C. Applying the Substance Over Form Doctrine Reveals That the
Club is the True Owner
¶ 21 Having concluded that we may look past bare legal title to
determine ownership, we must now examine the substance of
petitioners’ and the Club’s rights to decide who is the true owner of
the real property. Because the Club has a high degree of control
over the grounds, and petitioners may only use the grounds equally
with other club members and subject to the Club’s control and
regulation, we conclude that the Club is the true owner while
petitioners’ rights are akin to a mere license.
¶ 22 “Property rights in a physical thing have been described as the
rights ‘to possess, use and dispose of it.’” Loretto v. Teleprompter
Manhatten CATV Corp., 458 U.S. 419, 435 (1982) (quoting United
13
States v. Gen. Motors Corp., 323 U.S. 373, 378 (1945)). The right to
possess property connotes the right to control it.
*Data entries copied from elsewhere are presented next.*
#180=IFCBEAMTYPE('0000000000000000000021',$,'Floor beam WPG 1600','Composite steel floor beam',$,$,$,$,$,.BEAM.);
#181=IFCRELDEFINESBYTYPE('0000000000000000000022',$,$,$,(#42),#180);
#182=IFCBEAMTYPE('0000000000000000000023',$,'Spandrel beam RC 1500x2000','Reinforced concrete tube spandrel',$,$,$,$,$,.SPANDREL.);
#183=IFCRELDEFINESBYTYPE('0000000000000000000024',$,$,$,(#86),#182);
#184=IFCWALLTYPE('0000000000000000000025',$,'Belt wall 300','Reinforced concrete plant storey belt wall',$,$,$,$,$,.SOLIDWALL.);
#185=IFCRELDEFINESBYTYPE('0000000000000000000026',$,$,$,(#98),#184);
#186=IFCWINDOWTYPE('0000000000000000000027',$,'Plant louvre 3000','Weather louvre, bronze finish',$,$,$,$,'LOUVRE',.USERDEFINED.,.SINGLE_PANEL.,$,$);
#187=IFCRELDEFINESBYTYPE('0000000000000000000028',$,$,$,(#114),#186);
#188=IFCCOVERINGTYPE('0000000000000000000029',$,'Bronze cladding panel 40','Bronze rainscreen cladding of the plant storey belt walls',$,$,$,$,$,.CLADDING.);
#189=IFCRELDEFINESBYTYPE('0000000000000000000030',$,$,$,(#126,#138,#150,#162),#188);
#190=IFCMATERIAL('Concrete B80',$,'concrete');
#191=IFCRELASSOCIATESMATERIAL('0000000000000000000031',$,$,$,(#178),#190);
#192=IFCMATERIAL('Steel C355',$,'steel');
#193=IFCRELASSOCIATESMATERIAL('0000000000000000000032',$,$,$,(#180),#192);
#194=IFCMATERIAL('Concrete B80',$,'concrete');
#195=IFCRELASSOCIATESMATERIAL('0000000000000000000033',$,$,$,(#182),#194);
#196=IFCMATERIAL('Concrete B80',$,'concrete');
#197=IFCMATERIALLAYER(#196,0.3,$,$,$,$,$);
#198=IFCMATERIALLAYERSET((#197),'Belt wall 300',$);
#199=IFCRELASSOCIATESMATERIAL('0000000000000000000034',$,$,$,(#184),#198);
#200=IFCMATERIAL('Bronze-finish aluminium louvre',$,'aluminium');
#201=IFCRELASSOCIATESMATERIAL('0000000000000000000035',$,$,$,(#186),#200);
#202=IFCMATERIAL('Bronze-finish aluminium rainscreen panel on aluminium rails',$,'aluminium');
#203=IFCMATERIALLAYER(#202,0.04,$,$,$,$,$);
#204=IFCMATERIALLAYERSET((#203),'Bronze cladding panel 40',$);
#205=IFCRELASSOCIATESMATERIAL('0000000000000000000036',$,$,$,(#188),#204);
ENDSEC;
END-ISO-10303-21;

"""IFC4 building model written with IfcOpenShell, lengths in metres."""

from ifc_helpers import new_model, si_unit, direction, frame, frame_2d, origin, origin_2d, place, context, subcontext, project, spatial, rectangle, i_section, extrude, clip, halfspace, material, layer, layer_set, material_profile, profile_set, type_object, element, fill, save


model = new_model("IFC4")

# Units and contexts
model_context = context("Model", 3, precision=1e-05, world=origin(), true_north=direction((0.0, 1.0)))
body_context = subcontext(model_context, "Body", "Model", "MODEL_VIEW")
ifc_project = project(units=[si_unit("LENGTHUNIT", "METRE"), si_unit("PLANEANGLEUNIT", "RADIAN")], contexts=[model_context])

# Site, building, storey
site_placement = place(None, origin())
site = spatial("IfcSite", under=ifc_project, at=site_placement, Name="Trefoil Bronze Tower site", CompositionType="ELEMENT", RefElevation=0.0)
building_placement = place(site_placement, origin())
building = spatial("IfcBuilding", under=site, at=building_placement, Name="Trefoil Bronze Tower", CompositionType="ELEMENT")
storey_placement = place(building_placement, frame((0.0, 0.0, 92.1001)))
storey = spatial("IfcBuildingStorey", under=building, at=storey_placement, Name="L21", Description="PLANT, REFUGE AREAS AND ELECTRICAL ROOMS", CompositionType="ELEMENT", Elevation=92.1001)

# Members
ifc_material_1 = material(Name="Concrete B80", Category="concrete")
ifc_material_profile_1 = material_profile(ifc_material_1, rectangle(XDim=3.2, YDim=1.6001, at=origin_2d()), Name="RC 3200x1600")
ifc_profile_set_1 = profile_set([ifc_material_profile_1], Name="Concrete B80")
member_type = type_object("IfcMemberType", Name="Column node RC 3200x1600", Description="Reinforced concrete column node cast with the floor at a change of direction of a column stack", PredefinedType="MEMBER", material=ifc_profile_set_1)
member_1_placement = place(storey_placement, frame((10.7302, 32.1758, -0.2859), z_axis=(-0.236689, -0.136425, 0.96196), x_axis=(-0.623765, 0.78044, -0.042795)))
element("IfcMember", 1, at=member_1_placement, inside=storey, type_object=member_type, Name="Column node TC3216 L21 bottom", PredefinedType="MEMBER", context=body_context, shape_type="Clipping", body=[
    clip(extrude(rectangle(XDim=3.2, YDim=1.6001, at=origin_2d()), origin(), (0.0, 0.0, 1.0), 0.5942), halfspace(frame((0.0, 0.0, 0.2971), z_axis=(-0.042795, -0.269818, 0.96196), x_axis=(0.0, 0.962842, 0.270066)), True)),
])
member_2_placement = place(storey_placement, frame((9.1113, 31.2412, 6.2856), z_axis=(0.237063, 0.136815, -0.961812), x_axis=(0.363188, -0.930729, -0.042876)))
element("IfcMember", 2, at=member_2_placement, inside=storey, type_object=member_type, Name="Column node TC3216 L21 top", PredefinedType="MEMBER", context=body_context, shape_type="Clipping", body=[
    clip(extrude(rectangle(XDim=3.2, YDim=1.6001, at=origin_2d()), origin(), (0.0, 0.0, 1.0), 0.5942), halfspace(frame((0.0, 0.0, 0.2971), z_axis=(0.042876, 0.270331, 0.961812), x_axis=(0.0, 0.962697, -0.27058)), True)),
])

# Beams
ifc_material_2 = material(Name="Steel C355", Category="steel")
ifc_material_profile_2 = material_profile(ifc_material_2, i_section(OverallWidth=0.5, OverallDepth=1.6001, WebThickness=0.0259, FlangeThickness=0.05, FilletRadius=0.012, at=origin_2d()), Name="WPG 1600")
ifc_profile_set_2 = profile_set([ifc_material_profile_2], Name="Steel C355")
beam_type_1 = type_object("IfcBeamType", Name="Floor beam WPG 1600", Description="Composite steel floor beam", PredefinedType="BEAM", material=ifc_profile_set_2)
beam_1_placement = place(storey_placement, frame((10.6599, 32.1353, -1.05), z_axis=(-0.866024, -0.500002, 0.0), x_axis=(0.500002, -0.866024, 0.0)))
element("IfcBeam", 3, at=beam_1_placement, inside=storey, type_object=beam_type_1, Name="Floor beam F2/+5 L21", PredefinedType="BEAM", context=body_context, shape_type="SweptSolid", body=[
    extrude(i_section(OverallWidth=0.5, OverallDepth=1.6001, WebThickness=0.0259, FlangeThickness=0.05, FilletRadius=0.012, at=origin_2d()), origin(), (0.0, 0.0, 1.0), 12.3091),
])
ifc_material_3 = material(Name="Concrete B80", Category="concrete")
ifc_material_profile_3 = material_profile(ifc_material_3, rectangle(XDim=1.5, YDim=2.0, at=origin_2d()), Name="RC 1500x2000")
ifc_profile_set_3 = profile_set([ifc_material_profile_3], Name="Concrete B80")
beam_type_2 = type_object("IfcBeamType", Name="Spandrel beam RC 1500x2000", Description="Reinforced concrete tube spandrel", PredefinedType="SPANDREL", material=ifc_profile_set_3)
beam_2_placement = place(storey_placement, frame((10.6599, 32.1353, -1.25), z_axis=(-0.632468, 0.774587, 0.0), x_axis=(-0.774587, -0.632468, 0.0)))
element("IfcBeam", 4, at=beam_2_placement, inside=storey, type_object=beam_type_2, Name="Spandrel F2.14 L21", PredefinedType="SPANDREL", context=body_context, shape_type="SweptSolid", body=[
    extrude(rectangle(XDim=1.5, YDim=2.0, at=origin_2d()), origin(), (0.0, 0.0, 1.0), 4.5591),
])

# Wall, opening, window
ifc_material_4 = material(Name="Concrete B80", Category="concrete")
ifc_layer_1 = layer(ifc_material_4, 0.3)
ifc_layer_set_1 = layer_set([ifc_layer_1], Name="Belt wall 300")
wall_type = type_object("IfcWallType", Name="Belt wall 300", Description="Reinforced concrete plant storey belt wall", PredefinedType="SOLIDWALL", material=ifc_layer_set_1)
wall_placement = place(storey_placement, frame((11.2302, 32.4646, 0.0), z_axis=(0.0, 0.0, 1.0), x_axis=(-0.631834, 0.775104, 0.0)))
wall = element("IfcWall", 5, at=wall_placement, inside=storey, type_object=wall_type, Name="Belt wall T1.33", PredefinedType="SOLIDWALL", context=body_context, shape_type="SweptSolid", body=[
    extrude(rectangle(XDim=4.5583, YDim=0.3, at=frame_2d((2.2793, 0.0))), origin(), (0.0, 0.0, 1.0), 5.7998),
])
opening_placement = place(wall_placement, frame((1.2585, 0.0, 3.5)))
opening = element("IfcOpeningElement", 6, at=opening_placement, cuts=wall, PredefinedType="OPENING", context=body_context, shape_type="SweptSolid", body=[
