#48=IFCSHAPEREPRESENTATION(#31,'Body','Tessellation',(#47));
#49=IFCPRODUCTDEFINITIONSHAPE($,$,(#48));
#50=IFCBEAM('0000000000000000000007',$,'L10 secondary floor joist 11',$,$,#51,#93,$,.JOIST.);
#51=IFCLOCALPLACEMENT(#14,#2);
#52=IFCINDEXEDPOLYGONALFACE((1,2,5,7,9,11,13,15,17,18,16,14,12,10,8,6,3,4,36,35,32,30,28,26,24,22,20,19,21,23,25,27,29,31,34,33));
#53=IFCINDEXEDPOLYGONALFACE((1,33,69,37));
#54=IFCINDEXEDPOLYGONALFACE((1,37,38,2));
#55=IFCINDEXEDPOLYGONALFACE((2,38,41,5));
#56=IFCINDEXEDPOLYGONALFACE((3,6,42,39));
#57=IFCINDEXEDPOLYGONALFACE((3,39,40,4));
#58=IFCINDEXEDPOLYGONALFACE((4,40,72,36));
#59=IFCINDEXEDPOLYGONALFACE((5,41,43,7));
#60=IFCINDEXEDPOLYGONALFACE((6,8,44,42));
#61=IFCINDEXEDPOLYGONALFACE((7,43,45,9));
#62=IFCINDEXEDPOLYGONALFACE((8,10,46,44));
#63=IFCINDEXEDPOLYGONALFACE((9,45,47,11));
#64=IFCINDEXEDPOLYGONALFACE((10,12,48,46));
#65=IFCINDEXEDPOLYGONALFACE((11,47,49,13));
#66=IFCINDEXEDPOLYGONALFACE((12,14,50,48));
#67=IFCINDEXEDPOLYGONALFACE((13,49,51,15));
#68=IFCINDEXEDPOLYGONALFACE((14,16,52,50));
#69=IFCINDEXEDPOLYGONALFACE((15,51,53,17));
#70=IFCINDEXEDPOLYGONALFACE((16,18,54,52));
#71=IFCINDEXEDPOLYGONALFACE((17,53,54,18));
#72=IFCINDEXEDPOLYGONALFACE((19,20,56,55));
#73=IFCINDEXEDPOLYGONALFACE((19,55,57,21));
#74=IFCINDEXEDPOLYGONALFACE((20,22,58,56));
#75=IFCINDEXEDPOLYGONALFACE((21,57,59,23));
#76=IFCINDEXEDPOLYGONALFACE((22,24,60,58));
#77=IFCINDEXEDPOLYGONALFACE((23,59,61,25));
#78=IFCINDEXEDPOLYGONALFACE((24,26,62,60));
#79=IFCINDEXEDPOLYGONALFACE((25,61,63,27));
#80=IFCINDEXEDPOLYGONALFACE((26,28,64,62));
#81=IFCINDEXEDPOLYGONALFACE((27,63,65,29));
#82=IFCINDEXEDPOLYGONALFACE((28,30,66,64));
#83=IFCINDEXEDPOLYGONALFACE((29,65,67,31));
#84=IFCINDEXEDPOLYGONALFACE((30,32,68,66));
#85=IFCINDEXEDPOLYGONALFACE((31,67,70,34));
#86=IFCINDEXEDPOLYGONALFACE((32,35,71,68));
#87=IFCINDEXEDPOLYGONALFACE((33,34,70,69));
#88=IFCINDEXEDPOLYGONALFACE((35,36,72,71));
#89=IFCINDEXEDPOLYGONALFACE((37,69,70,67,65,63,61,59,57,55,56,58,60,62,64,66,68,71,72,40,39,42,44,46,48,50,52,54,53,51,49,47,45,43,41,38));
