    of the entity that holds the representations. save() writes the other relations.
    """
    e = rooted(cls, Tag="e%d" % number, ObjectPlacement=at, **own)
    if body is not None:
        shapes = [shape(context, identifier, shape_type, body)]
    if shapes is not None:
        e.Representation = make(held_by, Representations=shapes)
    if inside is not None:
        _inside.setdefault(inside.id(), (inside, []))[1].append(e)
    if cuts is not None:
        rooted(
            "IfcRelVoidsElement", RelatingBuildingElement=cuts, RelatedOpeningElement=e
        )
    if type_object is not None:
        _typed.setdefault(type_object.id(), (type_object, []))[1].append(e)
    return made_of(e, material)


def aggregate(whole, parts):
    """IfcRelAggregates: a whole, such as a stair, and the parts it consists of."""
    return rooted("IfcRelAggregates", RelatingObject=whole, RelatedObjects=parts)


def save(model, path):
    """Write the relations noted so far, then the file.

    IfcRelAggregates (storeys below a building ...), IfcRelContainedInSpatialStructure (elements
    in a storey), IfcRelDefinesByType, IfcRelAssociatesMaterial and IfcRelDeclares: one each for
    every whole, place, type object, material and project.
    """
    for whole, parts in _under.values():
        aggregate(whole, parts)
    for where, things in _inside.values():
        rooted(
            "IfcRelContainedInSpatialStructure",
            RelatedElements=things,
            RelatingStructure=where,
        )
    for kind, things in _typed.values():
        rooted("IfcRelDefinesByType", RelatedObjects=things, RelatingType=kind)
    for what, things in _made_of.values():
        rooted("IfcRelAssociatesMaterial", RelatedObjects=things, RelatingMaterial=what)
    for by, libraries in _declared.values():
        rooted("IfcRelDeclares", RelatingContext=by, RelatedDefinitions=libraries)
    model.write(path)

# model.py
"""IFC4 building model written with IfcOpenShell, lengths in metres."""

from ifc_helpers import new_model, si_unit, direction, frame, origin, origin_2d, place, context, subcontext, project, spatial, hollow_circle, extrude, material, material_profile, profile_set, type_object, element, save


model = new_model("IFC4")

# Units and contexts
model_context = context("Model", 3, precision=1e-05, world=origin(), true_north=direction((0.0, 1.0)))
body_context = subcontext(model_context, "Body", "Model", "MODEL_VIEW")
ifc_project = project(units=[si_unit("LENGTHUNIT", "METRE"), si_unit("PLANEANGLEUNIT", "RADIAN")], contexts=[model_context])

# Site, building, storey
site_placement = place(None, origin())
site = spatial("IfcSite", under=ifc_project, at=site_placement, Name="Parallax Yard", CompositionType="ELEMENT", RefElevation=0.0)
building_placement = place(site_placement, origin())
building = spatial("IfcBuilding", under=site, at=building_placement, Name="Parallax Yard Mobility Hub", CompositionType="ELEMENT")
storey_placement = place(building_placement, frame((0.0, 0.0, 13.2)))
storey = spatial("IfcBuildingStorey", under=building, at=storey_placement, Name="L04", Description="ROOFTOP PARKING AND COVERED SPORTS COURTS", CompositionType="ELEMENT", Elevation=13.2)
See Cantina Grill,
¶ 1 n.1 (Possessory interest is defined as “[t]he present right to
control property, including the right to exclude others”[;] “a physical
relation to the land of a kind which gives a certain degree of
physical control over the land, and an intent so to exercise such
control as to exclude other members of society in general from any
present occupation of the land.” (first quoting Black’s Law
Dictionary 1353 (10th ed. 2014); then quoting Restatement (First) of
Property § 7 (1936))). The power “to exclude others . . . has
‘traditionally been considered one of the most treasured strands in
an owner’s bundle of property rights.’” Aspen Springs Metro. Dist. v.
Keno, 2015 COA 97, ¶ 9 (quoting Loretto, 458 U.S. at 435). Other
real property ownership rights include the right to develop the
property, see Vill. at Treehouse, ¶ 22, and the right to income from
the property, McDonald v. McDonald, 150 Colo. 492, 494, 374 P.2d
690, 691 (1962); see also Mesa Verde, 178 Colo. at 57, 495 P.2d at
233.
¶ 23 By contrast, “[a] license is a personal privilege to do some act
or series of acts upon the land of another not involving possession
14
of an estate or interest therein.” Roaring Fork, ¶ 41 (quoting Welsch
v. Smith, 113 P.3d 1284, 1289 (Colo. App. 2005)).
¶ 24 In applying these rules to the facts here, Roaring Fork is
instructive. In that case, a division of this court concluded that a
golf club membership was not a leasehold but a license. Id. at
¶¶ 36-37. The club’s members had “a personal privilege to perform
any of a series of acts on the club’s property, including playing golf,
fishing, dining, or working out at the fitness facility.” Id. at ¶ 41.
But, members were not entitled to “possession of the property . . .
[or] exclusive use or occupation of it,” could not receive rents or
profits from the club’s property, and could not “exclude any others
from the club’s property who would use it in the same way.” Id. at
¶¶ 37, 40 (citation omitted). Furthermore, “memberships can be
revoked for . . . nonpayment of dues or violation of the club’s rules
and regulations.” Id. at ¶ 41.
¶ 25 Although the memberships here are conveyed by deed, the
rights they convey are strikingly similar to those in Roaring Fork.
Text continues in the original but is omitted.